We used the following versions of our test applications:
- FutureMark 3DMark 2001 SE Build 330
- FutureMark 3DMark03
- Codecreatures Benchmark Pro
- Comanche 4 demo benchmark
- Quake III Arena v1.31
- Serious Sam SE v1.07
- VillageMark v1.17
- Unreal Tournament 2003 with 2199 patch
All the tests and methods we employed are publicly available and reproducible. If you have questions about our methods, hit our forums to talk with us about them.
Even today, pixel-pushing power is still one of the key determinants of the performance of a graphics chip. Getting a handle on the GeForce FX 5800 Ultra’s fill rate performance, however, is more than a little slippery. Let’s start by looking at our chip table, and then I’ll tell you why it’s not exactly right.
|Core clock (MHz)||Pixel pipelines||Peak fill rate (Mpixels/s)||Texture units per pixel pipeline||Peak fill rate (Mtexels/s)||Memory clock (MHz)||Memory bus width (bits)||Peak memory bandwidth (GB/s)|
|GeForce4 Ti 4600||
|GeForce FX 5800||400||4||1600||2||3200||800||128||12.8|
|GeForce FX 5800 Ultra||500||4||2000||2||4000||1000||128||16.0|
|Radeon 9700 Pro||325||8||2600||1||2600||620||256||19.8|
|Radeon 9800 Pro||380||8||3040||1||3040||680||256||21.8|
The GeForce FX 5800 Ultra runs at much higher clock rates than its competition, and its DDR-II memory does, too. NVIDIA chose a cutting-edge approach to developing the GeForce FX, relying on newer technologies and higher clock rates to deliver performance. The chip’s 500MHz core clock speed gives it relatively high pixel and texel fill rates. The NV30 has four independent memory controllers in a crossbar arrangement, which is essentially the same as the GeForce3 and GeForce4 Ti chips, with the exception that the NV30 been tweaked to support DDR-II-style signaling. Its memory bus is only 128 bits wide, but 1GHz DDR-II memory gives the GXFX 5800 Ultra memory throughput of 16GB/s.
ATI has taken different approach with the Radeon 9700 and 9800 series, settling for lower clock rates but getting more work done each clock cycle. The high-end ATI chips have 256-bit-wide memory interfaces (with four 64-bit memory controllers), which give them more memory bandwidth than the GeForce FX 5800 cards, even with conventional DDR memory and the concomitant lower memory clock speeds.
Now, here’s why the above isn’t quite right. Our usual assumptions about graphics chips pipelines don’t entirely apply to the GeForce FX. NVIDIA is very coy about exactly how the NV30 GPU looks inside. For quite a while, most of the world believed NV30 was an 8-pipeline design with one texture unit per pipe. Turns out that isn’t so. Instead, the FX 5800 Ultra is… well, complicated. Lately, the company’s representatives have taken to talking about arrays of functional units instead of pixel pipelines. It’s sometimes hard to penetrate.
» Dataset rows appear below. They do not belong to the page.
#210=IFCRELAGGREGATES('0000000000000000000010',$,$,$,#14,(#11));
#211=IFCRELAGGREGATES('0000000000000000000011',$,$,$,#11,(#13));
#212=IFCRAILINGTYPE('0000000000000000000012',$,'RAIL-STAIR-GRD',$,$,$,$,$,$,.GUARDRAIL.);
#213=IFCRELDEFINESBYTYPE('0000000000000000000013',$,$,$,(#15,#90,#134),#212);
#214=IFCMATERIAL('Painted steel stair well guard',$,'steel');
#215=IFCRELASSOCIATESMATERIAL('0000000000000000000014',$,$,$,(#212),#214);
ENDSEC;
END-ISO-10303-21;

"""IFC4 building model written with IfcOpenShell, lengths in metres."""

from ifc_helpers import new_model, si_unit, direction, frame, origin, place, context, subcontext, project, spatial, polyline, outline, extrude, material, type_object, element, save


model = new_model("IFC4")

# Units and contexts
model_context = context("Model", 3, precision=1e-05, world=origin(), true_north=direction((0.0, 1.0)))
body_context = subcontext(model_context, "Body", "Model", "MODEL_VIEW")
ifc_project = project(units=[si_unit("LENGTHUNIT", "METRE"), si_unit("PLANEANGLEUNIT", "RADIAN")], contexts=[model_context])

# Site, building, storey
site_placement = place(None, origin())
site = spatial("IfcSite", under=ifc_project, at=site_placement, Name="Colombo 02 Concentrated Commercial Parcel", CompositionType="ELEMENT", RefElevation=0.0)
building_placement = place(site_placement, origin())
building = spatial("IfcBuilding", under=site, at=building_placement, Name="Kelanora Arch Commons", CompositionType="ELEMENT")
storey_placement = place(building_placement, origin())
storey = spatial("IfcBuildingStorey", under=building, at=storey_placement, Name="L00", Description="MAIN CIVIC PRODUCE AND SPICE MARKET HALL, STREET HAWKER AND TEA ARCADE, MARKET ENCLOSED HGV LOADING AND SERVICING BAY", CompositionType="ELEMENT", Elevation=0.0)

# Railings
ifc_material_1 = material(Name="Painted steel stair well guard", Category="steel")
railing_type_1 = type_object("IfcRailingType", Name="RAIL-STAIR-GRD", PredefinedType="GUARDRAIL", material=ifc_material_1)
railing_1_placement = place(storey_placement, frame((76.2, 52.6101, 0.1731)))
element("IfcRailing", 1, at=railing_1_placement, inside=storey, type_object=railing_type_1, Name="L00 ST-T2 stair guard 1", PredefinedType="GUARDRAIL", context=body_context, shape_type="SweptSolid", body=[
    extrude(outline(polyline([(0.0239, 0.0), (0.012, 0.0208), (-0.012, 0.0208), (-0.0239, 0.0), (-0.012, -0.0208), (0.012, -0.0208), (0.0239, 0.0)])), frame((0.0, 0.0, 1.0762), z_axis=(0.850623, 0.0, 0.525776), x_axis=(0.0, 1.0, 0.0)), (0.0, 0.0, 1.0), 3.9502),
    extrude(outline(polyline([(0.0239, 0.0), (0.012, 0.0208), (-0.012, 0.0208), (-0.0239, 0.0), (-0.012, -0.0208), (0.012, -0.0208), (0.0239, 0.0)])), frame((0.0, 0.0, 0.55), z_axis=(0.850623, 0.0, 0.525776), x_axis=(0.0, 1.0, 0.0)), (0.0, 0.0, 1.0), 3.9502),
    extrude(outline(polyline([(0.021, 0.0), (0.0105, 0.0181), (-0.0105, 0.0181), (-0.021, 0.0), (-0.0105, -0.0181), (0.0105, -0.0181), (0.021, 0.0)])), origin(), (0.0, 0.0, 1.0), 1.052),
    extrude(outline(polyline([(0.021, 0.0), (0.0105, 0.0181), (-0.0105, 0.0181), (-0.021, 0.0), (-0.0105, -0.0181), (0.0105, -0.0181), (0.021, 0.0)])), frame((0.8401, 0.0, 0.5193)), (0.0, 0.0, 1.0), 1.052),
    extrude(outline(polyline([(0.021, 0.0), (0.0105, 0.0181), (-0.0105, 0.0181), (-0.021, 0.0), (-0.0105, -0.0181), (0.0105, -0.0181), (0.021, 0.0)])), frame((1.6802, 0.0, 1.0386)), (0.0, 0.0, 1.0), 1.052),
When asked, NVIDIA explains the NV30’s capabilities like so:
8 z pixels per clock
8 stencil ops per clock
8 textures per clock
8 shader ops per clock
4 color + z pixels per clock with 4x multisampling enabled
It is architected to perform those functions.
Basically, its 8 pipes with the exception of color blenders for traditional ROP operations, for which it has hardware to do 4 pixels per clock for color & Z. It is that it has 8 “full” pipes that can blend 4 pixels per clock with color.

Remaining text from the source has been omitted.